I kept them about 20 yrs ago ish, extremely easy to keep, i kept the larvae in a 2 foot aquarium at room temp with their food plant Rhododendron which you can find growing wild in the woods and fortunatley available all year round. I would just lay this on the floor as it lives long enough without water and dissapears very quickly as the caterpillars grow. I used a vase to put the food in so it was easier to keep clean when they got bigger (monster caterpillars ), just make sure you plug the top up to stop them falling in and drowning. When they are about to pupate they will start to wander about so just make sure you have plenty of thin stick branches for them to build their cocoons in.I put the pupae in something like a keep net which i made from fine nylon mesh or you could use a flexarium to allow them enough room to expand their wings after hatching. The adults dont feed and only last a few days sadly but will mate and lay eggs all over the netting.
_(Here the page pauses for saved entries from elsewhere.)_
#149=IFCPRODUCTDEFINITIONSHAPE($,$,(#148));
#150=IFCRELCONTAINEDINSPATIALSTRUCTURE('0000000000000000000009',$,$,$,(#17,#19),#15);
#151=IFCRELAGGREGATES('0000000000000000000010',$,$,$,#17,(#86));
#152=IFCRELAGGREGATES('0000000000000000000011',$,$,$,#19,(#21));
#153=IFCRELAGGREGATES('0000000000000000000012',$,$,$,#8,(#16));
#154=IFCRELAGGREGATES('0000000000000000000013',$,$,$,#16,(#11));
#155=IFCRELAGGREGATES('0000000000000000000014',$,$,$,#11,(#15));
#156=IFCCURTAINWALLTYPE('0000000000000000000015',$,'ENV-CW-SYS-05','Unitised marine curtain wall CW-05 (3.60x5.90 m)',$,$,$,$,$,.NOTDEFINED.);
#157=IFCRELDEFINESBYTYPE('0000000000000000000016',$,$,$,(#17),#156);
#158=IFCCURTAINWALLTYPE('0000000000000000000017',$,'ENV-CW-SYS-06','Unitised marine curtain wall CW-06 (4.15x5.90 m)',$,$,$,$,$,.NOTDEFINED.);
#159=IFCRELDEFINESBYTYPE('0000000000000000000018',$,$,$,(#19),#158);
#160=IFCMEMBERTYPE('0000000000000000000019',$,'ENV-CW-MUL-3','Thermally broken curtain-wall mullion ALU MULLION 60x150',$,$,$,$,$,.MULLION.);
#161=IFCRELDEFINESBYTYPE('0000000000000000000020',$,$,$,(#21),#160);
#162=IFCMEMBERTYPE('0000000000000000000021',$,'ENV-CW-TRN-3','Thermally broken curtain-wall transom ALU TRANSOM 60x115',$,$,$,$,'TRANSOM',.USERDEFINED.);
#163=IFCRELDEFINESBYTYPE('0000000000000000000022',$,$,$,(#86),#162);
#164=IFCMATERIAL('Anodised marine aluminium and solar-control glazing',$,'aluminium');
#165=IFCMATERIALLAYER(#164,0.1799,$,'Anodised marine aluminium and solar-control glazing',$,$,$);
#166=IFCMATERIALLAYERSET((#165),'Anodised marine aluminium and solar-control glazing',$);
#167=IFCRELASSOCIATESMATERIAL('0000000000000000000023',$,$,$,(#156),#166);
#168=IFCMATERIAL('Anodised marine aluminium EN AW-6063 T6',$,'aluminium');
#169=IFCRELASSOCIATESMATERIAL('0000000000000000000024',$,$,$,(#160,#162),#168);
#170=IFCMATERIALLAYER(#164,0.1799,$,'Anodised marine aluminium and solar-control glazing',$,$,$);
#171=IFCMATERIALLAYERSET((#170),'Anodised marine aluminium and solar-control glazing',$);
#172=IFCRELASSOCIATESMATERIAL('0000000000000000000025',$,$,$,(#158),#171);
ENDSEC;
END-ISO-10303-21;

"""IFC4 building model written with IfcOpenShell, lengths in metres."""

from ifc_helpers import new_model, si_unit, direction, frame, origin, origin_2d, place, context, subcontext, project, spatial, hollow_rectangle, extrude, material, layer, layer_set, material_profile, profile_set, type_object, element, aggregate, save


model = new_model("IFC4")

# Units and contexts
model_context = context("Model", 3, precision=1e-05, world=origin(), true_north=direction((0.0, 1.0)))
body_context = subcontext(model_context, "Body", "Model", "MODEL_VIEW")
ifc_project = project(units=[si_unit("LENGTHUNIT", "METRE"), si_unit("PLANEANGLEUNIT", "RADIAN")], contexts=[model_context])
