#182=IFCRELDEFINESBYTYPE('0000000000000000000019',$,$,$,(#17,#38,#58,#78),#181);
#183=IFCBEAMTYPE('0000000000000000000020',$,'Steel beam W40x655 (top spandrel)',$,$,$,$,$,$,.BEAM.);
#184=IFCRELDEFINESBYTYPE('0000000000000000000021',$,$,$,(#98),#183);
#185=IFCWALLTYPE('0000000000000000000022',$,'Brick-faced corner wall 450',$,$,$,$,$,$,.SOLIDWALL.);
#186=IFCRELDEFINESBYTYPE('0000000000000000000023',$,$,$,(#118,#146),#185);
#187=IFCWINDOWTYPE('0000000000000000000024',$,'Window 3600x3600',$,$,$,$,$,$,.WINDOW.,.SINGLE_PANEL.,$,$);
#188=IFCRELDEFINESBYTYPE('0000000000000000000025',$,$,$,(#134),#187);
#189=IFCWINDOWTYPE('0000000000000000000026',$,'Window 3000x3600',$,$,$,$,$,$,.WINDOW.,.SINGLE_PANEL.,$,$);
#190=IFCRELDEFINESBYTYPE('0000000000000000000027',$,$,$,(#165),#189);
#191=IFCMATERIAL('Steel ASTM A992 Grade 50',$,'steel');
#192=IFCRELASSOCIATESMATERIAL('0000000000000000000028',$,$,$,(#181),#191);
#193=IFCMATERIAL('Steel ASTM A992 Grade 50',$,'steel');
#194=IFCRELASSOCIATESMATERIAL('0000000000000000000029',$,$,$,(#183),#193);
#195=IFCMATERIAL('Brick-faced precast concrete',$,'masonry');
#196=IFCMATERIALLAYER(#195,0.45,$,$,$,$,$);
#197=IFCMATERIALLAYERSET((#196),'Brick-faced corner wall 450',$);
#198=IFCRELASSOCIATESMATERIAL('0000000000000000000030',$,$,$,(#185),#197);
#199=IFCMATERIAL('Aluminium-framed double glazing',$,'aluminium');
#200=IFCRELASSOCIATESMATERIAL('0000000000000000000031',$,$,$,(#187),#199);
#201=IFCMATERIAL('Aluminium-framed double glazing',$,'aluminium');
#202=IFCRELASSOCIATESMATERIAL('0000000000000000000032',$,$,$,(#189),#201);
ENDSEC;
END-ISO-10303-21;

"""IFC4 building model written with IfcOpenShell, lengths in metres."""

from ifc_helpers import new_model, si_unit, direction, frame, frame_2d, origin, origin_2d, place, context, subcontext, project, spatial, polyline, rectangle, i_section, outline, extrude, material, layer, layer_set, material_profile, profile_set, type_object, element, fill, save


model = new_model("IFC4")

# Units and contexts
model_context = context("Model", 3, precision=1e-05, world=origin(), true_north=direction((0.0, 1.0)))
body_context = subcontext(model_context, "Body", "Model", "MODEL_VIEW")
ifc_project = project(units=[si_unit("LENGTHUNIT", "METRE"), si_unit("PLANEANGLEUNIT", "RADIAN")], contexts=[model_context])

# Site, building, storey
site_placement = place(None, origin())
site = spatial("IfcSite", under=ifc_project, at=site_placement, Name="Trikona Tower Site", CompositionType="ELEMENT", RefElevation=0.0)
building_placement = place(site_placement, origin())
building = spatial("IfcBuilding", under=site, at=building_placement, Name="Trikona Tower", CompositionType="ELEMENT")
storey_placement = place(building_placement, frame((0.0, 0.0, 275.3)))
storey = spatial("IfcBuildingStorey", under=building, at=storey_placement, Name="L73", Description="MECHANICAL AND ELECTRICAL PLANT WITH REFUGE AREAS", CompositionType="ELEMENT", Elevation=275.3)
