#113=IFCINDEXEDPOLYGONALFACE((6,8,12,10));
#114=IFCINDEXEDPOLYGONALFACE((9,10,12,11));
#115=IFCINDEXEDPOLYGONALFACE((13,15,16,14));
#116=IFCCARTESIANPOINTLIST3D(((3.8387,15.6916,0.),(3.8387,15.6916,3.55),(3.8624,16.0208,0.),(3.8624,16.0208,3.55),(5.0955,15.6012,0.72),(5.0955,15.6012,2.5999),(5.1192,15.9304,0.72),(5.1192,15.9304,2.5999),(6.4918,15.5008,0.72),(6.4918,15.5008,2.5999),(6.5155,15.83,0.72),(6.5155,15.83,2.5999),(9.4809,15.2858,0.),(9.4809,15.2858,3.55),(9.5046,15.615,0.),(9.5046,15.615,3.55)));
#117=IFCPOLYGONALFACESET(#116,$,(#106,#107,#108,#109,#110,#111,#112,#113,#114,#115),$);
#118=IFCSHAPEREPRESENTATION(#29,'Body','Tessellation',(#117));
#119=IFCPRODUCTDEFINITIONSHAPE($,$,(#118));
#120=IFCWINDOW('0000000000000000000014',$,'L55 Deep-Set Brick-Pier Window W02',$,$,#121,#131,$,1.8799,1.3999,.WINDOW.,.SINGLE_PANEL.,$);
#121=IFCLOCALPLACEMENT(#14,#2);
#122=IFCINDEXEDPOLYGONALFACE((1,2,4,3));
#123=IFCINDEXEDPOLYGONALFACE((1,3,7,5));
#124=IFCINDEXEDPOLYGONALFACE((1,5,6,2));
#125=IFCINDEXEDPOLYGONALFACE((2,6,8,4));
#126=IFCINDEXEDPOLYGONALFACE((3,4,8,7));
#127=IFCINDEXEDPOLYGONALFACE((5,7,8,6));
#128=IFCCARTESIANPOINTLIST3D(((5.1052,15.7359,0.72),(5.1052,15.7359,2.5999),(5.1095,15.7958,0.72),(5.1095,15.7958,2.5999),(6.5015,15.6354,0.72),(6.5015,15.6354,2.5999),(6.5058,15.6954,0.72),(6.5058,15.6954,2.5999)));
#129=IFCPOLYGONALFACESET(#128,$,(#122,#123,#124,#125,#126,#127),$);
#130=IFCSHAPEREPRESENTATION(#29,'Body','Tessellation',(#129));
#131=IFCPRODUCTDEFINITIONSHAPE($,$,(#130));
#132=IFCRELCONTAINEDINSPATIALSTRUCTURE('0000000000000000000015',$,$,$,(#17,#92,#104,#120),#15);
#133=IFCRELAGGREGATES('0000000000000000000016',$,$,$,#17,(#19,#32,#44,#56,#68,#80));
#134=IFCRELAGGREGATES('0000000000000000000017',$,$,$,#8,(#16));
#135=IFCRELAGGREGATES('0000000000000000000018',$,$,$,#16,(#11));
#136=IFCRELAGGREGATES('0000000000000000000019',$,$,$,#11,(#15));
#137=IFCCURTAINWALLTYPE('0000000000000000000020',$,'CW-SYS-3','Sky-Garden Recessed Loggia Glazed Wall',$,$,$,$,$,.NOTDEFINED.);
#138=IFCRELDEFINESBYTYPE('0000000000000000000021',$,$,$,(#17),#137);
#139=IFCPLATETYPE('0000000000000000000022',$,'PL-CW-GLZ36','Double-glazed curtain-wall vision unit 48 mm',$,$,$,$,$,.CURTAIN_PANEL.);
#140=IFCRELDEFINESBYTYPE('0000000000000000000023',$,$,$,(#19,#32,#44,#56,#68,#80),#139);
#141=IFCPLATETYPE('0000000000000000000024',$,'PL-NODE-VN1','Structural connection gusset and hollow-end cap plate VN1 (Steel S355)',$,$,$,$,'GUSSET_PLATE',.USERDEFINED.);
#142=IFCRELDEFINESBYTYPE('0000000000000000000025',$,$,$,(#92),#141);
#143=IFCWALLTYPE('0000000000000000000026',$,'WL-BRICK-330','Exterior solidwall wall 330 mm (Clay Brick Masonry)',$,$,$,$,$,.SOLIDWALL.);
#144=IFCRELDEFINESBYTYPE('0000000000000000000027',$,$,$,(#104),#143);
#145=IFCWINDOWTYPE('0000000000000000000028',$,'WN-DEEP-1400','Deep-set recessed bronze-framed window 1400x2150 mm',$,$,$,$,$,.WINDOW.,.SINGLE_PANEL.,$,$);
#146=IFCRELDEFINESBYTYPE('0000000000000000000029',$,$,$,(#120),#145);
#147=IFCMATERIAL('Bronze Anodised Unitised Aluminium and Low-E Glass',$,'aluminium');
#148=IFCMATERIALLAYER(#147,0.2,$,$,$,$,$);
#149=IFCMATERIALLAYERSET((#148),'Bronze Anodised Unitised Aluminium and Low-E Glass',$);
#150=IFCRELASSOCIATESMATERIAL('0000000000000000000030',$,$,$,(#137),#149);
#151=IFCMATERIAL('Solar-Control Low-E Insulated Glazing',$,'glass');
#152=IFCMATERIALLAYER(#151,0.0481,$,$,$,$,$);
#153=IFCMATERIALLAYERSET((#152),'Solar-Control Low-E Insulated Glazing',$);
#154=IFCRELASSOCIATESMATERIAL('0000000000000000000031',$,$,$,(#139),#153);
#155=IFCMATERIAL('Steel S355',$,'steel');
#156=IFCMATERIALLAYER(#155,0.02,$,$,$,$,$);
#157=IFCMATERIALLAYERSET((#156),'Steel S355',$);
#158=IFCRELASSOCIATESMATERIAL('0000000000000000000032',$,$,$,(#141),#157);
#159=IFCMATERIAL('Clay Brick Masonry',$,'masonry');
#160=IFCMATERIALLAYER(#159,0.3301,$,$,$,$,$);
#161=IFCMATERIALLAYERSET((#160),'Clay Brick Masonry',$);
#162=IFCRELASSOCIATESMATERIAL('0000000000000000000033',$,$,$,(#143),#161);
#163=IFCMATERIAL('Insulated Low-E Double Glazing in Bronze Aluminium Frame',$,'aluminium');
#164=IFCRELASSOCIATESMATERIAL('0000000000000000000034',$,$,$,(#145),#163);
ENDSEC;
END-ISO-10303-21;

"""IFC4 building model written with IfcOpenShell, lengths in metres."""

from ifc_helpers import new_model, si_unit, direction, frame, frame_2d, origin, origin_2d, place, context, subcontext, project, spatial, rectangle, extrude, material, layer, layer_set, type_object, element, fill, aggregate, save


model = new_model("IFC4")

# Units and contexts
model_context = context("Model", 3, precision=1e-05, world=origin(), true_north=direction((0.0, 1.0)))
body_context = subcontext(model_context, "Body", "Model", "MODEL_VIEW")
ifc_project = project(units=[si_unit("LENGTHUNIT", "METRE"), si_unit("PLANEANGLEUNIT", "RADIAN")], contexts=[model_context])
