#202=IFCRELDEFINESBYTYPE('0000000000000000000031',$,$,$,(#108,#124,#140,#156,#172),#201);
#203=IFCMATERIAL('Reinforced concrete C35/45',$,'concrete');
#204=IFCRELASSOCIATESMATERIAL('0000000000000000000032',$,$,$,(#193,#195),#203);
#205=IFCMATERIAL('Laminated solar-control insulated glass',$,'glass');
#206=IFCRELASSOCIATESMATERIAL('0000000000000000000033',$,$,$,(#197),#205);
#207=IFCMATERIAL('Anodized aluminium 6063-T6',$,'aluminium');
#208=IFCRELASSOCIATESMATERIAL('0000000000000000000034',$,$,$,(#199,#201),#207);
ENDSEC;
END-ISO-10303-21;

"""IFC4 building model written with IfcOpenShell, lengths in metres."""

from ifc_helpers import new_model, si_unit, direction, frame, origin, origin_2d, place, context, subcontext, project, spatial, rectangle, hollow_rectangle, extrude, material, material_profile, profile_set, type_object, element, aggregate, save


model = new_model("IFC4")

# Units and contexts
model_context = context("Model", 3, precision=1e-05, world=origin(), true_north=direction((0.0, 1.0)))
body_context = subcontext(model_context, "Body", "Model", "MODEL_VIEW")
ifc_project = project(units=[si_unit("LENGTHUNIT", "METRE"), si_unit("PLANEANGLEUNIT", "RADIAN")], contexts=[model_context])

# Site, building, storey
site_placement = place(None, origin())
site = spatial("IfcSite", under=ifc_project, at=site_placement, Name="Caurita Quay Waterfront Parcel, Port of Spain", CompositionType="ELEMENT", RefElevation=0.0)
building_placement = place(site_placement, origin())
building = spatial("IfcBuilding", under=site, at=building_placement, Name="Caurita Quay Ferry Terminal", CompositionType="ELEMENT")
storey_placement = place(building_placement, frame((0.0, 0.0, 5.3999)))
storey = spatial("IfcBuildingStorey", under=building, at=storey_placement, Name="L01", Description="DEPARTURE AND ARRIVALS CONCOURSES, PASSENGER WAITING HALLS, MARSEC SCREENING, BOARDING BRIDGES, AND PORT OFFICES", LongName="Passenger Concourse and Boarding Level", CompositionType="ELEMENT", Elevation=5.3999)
Im sorry i cant remember how long the stages lasted as it was ages ago, but as i said they are very easy and great fun to look after.


----------



## Hedgewitch (Feb 12, 2008)

Thanks. I have the eggs now, in a small container waiting to hatch.

I was planning to make a mesh cage of my own (its not hard, and flexariums are expensive for what they are)... we have rhodedendron in the garden as well as a fair few of their other food plants.

thanks btw for the advice about the sticks for pupating.


----------



## andie (Sep 23, 2007)

Your caterpillars will need the young fresh shoots to start with, they consume a vast amount of leaves so if you can, get your leaves from the woods otherwise say goodbye to yours lol


----------



## pecks (Dec 29, 2007)

uy a cheap mesh laundry basket, I kept mine in small hatchling boxes untill the caterpillars reached an appropriate size. When they hatch dont forget to give them time to eat their egg shell. They are lovly moths, have fun!


----------



## zirliz (Nov 15, 2006)

How long do these take to hatch? 
I got some cocoons also,


----------



## Moosey (Jan 7, 2008)

Hedgewitch said:


> Hey, I've just bought some eggs of the indian moon moth online, should be arriving in a day or 2.
> 
> While I've read up on basic care theres seems to be rather limited material on the subject. Anyone here kept them before? got any tips? and if you've kept them, what setup were you using?
> 
> ...


Why cant you just get a nice mantid like normal bug keepers? lol


----------



## Hedgewitch (Feb 12, 2008)

You answered your own question there moose... _normal_ bug keepers.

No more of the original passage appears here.